Invasive Species Compendium

Detailed coverage of invasive species threatening livelihoods and the environment worldwide

Abstract

Litsea glutinosa (Indian laurel).

Abstract

Litsea glutinosa belongs to the family Lauraceae. It is a small- to medium-sized tree, 3-20 m tall, semi-evergreen, and fast-growing dioecious (Chowdhury et al., 2008; Ramana and Raju, 2019). It is native to India, South China to Malaysia, Australia and the western Pacific islands, and introduced and established in South Africa, the western Indian Ocean, and the south-western Pacific (New Caledonia), Mauritius and other tropical regions (Dassanayake, 1995). It has been introduced as a crop (Vos, 2004) and as an ornamental in tropical countries (EPPO, 2019). It has escaped from cultivation and is naturalized in some of the introduced areas. L. glutinosa has many uses in its area of origin as well as in some of its areas of introduction (ISSG, 2015).
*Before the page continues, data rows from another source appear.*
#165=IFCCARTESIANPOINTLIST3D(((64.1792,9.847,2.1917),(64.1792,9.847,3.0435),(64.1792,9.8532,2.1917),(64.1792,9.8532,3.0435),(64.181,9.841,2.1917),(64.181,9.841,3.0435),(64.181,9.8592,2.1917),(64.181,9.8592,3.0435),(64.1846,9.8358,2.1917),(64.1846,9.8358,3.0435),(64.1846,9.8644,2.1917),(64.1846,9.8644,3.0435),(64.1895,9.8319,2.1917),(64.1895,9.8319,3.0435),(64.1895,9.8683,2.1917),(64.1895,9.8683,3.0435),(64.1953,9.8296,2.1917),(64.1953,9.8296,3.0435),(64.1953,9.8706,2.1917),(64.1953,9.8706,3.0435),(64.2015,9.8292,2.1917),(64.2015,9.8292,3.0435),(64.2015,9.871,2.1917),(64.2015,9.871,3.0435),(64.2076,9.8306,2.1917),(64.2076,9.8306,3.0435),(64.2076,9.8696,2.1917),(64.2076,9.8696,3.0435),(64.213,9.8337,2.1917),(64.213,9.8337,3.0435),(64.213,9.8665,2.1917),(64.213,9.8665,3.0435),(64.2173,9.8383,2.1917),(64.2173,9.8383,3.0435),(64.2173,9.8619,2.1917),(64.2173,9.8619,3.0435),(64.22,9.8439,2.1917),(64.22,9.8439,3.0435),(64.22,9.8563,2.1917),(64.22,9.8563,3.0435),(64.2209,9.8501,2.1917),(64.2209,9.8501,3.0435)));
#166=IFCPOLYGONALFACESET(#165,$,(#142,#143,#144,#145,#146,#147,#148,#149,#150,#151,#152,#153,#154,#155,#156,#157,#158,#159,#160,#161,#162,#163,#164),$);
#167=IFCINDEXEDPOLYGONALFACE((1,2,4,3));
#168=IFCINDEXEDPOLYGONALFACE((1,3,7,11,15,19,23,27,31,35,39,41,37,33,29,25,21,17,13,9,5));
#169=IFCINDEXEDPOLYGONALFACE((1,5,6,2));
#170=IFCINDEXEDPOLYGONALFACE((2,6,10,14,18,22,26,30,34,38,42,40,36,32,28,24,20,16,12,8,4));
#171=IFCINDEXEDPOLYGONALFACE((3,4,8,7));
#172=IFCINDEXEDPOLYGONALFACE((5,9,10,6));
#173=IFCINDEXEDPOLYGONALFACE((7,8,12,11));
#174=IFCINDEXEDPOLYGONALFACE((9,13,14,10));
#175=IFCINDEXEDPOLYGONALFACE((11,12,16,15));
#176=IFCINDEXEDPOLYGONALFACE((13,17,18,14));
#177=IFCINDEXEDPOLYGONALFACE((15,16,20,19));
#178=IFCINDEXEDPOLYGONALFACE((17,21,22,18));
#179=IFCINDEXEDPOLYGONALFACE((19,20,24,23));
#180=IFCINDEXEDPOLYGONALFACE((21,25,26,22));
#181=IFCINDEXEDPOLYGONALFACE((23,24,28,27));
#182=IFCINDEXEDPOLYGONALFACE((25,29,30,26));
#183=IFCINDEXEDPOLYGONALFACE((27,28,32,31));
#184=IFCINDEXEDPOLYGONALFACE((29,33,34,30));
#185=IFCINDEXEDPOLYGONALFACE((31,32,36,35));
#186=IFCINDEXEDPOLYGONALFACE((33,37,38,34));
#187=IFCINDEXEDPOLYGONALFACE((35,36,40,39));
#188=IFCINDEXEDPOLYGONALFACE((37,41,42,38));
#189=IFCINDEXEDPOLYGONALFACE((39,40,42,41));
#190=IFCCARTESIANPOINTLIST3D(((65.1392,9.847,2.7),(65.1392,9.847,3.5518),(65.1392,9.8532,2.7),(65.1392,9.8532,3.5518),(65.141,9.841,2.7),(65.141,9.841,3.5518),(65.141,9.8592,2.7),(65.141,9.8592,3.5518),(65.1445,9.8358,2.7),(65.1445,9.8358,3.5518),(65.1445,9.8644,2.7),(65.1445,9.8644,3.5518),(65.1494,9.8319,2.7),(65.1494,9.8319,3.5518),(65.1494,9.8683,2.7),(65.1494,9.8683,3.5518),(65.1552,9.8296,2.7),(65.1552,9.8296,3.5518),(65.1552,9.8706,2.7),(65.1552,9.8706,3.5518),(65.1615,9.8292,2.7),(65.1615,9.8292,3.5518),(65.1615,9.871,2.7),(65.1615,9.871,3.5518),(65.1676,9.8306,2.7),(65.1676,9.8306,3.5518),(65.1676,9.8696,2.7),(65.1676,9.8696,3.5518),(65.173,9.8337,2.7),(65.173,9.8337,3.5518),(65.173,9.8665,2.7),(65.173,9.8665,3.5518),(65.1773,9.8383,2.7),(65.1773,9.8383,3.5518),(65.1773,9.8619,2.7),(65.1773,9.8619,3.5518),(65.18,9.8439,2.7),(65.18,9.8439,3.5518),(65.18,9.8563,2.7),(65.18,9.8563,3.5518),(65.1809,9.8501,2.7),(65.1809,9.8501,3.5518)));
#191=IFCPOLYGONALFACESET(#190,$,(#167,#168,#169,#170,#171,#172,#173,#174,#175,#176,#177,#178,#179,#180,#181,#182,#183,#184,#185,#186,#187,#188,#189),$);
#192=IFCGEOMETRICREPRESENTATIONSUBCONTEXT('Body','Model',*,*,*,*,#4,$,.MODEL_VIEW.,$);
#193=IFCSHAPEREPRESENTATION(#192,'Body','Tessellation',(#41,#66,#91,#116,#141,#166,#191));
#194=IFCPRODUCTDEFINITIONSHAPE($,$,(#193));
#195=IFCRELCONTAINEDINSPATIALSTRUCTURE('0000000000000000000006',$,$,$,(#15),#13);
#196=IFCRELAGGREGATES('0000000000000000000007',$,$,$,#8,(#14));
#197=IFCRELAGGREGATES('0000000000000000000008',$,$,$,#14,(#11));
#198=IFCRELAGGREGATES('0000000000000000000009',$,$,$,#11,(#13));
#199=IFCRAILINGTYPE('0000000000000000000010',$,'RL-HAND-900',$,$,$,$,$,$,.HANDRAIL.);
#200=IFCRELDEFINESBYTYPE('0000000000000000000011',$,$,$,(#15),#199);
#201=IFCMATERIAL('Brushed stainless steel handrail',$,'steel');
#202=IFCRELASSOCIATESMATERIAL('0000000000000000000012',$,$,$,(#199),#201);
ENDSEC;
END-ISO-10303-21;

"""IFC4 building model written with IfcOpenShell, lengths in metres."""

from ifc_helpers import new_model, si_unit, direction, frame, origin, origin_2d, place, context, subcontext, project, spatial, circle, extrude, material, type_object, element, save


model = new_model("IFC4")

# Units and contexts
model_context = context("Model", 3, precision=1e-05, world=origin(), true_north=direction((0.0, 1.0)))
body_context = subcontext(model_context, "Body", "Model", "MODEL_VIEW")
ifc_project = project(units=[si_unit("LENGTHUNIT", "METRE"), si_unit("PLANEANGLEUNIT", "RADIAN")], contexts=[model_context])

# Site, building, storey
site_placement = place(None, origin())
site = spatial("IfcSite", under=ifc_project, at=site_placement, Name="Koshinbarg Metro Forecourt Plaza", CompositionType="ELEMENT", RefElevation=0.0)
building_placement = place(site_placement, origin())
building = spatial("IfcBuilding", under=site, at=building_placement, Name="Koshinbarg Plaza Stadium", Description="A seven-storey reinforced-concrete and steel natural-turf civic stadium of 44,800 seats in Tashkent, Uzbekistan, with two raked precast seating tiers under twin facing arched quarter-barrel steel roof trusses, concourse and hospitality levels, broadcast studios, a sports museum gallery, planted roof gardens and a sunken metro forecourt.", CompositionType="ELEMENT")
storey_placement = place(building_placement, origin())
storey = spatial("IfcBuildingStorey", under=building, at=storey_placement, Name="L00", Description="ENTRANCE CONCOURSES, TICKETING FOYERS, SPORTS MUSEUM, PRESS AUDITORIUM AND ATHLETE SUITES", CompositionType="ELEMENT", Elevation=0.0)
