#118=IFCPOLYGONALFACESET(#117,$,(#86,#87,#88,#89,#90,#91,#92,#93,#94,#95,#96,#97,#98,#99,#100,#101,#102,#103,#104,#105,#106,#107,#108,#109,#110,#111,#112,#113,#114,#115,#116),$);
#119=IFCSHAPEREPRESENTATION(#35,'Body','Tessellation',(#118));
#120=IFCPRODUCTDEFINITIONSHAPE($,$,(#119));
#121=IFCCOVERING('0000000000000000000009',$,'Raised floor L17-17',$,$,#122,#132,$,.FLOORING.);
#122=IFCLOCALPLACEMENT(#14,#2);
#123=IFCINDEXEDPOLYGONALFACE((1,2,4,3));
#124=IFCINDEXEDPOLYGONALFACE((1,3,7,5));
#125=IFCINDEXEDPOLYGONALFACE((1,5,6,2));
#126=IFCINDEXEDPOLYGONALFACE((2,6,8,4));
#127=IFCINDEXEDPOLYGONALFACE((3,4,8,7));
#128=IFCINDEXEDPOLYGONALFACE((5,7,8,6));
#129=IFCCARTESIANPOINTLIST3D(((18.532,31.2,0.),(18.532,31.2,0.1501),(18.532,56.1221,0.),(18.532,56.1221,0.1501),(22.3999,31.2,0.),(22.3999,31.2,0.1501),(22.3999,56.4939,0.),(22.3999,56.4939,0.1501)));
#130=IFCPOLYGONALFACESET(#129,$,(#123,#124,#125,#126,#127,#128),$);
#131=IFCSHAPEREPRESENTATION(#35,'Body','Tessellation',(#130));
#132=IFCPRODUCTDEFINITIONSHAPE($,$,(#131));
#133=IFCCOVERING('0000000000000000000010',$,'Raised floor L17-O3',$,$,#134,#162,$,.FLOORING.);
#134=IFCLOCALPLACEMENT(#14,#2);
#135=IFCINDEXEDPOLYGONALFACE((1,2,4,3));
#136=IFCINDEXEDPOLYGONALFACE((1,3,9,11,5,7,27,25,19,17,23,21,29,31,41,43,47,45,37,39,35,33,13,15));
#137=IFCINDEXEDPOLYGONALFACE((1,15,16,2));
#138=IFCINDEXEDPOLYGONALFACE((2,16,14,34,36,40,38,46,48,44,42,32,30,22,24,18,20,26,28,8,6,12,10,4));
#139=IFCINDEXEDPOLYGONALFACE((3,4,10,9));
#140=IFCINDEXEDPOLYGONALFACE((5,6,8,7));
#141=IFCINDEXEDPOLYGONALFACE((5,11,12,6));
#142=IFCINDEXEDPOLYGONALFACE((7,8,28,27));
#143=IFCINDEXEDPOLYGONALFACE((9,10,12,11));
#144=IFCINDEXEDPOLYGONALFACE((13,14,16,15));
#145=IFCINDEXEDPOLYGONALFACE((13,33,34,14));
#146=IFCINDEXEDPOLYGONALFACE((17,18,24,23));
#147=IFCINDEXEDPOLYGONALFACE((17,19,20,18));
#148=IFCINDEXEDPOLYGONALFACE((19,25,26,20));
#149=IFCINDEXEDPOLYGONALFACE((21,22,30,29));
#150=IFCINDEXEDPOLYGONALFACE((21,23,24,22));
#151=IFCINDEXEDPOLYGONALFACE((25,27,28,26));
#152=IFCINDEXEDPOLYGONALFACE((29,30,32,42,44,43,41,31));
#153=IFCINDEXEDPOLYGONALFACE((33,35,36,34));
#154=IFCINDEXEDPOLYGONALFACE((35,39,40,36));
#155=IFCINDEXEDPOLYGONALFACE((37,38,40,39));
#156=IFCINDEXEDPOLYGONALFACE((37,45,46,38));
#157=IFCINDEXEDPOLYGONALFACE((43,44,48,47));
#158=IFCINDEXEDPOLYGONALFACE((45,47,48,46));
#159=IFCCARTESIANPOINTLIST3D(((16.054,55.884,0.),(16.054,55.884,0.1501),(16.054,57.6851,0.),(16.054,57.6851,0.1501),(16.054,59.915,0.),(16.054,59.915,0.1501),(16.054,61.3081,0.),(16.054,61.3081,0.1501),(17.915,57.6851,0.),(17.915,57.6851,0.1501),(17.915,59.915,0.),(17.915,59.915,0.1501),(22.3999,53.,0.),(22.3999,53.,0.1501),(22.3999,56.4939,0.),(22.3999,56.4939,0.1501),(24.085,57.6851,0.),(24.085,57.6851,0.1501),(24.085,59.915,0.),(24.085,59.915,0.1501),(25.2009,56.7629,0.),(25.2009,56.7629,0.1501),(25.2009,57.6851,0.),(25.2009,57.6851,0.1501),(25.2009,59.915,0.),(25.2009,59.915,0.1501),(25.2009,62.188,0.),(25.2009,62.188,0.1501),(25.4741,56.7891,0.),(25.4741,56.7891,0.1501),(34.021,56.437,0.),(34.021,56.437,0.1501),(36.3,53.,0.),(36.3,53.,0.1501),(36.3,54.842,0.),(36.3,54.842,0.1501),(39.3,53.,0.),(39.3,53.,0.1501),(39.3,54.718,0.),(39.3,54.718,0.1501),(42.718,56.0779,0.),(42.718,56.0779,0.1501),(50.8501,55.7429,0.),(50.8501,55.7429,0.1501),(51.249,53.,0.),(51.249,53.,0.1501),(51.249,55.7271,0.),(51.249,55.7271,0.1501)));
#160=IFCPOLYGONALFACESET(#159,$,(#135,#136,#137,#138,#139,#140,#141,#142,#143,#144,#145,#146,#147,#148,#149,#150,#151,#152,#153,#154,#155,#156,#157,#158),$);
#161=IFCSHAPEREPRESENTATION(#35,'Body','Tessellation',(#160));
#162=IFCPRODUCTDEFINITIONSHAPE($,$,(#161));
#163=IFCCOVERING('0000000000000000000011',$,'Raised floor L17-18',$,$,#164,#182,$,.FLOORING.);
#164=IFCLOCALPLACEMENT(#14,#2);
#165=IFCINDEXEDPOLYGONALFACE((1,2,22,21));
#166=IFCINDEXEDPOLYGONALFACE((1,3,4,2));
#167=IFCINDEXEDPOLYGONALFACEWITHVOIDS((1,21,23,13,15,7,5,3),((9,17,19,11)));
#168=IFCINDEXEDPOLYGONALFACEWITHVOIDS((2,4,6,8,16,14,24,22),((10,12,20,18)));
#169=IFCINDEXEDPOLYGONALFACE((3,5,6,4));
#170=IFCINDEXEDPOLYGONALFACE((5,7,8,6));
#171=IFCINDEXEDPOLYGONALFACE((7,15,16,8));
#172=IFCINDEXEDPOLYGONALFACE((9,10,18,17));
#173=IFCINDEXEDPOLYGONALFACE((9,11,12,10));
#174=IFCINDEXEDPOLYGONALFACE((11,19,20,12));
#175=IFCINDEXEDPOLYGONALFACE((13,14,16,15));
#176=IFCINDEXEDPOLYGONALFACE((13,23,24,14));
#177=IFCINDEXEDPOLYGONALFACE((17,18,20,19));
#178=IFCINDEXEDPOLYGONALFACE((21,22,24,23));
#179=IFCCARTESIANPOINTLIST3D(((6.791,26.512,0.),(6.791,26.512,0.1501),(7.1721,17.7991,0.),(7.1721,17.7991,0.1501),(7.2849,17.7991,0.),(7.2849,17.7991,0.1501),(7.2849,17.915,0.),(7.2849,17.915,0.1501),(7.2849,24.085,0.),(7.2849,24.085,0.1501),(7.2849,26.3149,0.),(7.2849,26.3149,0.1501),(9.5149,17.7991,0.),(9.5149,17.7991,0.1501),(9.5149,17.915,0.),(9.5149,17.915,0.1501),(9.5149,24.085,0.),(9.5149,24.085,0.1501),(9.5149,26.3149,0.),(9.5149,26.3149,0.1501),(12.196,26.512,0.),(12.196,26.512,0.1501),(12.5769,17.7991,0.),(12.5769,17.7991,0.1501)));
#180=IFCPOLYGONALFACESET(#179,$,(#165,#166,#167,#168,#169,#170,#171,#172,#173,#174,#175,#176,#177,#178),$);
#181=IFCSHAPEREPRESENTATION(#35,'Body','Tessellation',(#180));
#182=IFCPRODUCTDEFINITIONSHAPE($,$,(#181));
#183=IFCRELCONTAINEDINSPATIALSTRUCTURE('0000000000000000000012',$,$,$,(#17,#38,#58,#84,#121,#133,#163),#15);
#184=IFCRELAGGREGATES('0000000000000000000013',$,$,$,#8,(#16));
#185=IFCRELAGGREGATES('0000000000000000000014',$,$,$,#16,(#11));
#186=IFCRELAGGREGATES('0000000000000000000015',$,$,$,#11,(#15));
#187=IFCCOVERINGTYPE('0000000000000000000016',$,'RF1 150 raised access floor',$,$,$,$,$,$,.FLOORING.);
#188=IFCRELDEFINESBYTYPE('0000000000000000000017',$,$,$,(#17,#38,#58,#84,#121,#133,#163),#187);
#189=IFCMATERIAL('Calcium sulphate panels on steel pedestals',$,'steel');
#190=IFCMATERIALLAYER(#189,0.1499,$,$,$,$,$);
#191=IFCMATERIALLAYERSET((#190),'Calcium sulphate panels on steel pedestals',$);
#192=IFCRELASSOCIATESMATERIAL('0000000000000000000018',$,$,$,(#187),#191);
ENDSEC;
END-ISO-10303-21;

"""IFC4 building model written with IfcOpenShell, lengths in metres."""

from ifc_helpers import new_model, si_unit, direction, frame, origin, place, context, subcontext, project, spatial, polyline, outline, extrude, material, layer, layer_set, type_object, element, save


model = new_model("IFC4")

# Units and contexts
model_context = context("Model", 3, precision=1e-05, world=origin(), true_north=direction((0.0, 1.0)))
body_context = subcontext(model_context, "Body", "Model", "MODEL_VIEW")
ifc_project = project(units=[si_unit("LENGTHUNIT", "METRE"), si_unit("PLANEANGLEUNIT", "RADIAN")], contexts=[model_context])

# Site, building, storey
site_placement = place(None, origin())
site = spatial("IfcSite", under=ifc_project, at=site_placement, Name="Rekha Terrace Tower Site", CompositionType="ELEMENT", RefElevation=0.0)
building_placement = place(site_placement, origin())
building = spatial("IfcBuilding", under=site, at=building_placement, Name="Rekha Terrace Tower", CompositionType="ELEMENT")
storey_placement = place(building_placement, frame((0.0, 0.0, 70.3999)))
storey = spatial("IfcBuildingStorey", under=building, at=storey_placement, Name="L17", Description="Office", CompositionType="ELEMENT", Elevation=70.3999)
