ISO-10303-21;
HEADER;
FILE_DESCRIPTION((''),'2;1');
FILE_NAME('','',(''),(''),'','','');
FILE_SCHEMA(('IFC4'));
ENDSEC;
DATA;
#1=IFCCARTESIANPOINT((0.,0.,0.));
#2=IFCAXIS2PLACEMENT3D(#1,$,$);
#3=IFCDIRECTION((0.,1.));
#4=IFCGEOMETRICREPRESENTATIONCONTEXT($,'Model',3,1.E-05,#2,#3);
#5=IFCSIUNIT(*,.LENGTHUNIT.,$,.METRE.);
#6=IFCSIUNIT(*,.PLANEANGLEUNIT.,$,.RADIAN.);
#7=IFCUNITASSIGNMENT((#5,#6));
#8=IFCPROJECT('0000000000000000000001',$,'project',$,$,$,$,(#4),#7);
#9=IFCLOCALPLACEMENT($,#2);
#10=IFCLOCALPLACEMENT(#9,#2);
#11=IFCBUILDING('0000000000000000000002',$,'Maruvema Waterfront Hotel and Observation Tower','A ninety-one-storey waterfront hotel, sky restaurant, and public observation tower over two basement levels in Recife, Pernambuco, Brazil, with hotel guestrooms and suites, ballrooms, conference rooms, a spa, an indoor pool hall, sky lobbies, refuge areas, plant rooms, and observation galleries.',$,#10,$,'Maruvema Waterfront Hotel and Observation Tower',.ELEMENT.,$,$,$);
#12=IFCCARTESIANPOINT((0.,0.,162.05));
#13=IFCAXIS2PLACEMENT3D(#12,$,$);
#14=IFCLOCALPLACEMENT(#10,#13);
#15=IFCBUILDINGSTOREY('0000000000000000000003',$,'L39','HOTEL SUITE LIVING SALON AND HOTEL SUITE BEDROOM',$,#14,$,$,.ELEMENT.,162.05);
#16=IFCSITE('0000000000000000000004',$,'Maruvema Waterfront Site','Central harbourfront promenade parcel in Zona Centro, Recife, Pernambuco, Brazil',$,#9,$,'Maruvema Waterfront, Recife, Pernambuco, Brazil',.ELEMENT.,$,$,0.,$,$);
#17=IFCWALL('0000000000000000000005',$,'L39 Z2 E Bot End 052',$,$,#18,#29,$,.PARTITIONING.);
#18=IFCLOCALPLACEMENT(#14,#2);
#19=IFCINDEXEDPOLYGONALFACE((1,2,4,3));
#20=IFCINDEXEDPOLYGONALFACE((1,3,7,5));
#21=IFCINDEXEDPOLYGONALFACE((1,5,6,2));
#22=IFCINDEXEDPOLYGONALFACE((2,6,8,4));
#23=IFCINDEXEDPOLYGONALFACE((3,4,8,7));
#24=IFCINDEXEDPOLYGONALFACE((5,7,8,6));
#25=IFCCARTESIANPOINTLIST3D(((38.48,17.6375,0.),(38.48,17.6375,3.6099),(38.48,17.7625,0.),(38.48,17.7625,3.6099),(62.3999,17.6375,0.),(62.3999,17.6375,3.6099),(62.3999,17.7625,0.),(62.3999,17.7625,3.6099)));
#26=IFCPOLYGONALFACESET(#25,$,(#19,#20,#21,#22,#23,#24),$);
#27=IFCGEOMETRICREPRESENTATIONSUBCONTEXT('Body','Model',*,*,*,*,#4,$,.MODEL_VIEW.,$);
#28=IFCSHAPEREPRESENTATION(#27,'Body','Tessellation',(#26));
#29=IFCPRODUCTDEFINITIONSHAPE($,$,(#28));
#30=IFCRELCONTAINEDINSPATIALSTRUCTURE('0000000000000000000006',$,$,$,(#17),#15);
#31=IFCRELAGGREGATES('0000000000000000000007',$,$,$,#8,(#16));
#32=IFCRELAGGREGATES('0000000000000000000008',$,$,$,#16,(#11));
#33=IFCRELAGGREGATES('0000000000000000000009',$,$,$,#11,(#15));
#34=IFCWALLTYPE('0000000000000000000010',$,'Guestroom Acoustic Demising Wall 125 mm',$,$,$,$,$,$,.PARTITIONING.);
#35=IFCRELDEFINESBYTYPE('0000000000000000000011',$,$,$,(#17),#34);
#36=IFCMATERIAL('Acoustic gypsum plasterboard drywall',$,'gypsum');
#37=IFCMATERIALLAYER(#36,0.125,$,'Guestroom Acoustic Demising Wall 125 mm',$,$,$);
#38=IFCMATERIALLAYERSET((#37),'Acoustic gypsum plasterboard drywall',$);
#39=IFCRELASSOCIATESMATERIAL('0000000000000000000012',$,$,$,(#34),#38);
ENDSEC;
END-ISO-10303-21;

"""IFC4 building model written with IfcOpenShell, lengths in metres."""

from ifc_helpers import new_model, si_unit, direction, frame, frame_2d, origin, place, context, subcontext, project, spatial, rectangle, extrude, material, layer, layer_set, type_object, element, save


model = new_model("IFC4")

# Units and contexts
model_context = context("Model", 3, precision=1e-05, world=origin(), true_north=direction((0.0, 1.0)))
body_context = subcontext(model_context, "Body", "Model", "MODEL_VIEW")
ifc_project = project(units=[si_unit("LENGTHUNIT", "METRE"), si_unit("PLANEANGLEUNIT", "RADIAN")], contexts=[model_context])

# Site, building, storey
site_placement = place(None, origin())
site = spatial("IfcSite", under=ifc_project, at=site_placement, Name="Maruvema Waterfront Site", Description="Central harbourfront promenade parcel in Zona Centro, Recife, Pernambuco, Brazil", LongName="Maruvema Waterfront, Recife, Pernambuco, Brazil", CompositionType="ELEMENT", RefElevation=0.0)
building_placement = place(site_placement, origin())
building = spatial("IfcBuilding", under=site, at=building_placement, Name="Maruvema Waterfront Hotel and Observation Tower", Description="A ninety-one-storey waterfront hotel, sky restaurant, and public observation tower over two basement levels in Recife, Pernambuco, Brazil, with hotel guestrooms and suites, ballrooms, conference rooms, a spa, an indoor pool hall, sky lobbies, refuge areas, plant rooms, and observation galleries.", LongName="Maruvema Waterfront Hotel and Observation Tower", CompositionType="ELEMENT")
storey_placement = place(building_placement, frame((0.0, 0.0, 162.05)))
storey = spatial("IfcBuildingStorey", under=building, at=storey_placement, Name="L39", Description="HOTEL SUITE LIVING SALON AND HOTEL SUITE BEDROOM", CompositionType="ELEMENT", Elevation=162.05)

# Wall
ifc_material_1 = material(Name="Acoustic gypsum plasterboard drywall", Category="gypsum")
ifc_layer_1 = layer(ifc_material_1, 0.125, Name="Guestroom Acoustic Demising Wall 125 mm")
ifc_layer_set_1 = layer_set([ifc_layer_1], Name="Acoustic gypsum plasterboard drywall")
wall_type_1 = type_object("IfcWallType", Name="Guestroom Acoustic Demising Wall 125 mm", PredefinedType="PARTITIONING", material=ifc_layer_set_1)
wall_1_placement = place(storey_placement, frame((38.48, 17.7, 0.0), z_axis=(0.0, 0.0, 1.0), x_axis=(1.0, 0.0, 0.0)))
element("IfcWall", 1, at=wall_1_placement, inside=storey, type_object=wall_type_1, Name="L39 Z2 E Bot End 052", PredefinedType="PARTITIONING", context=body_context, shape_type="SweptSolid", body=[
    extrude(rectangle(XDim=23.9199, YDim=0.125, at=frame_2d((11.96, 0.0))), origin(), (0.0, 0.0, 1.0), 3.6099),
])

save(model, "model.ifc")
It is used principally as a binder for tablet formulations, and in the incense stick industry (Ramana and Raju, 2017). L. glutinosa is considered invasive in South Africa, where it is declared an invader plant (Henderson, 2001) and in the Indian Ocean (MacDonald et al., 1991; ISSG, 2015; PIER, 2019) on the islands of Mauritius (Mauritius Island and Rodrigues Island) (PIER, 2019) and Mayotte (Vos, 2004; ISSG, 2015; PIER, 2019). Jacq et al. (2005) do not consider L. glutinosa to be invasive globally, and ISSG (2015) considers it a small tree with high invasion potential, displacing native plant species in disturbed environments, although there is no evidence yet of its impact. It is classified by the IUCN (2019) as a species of Least Concern.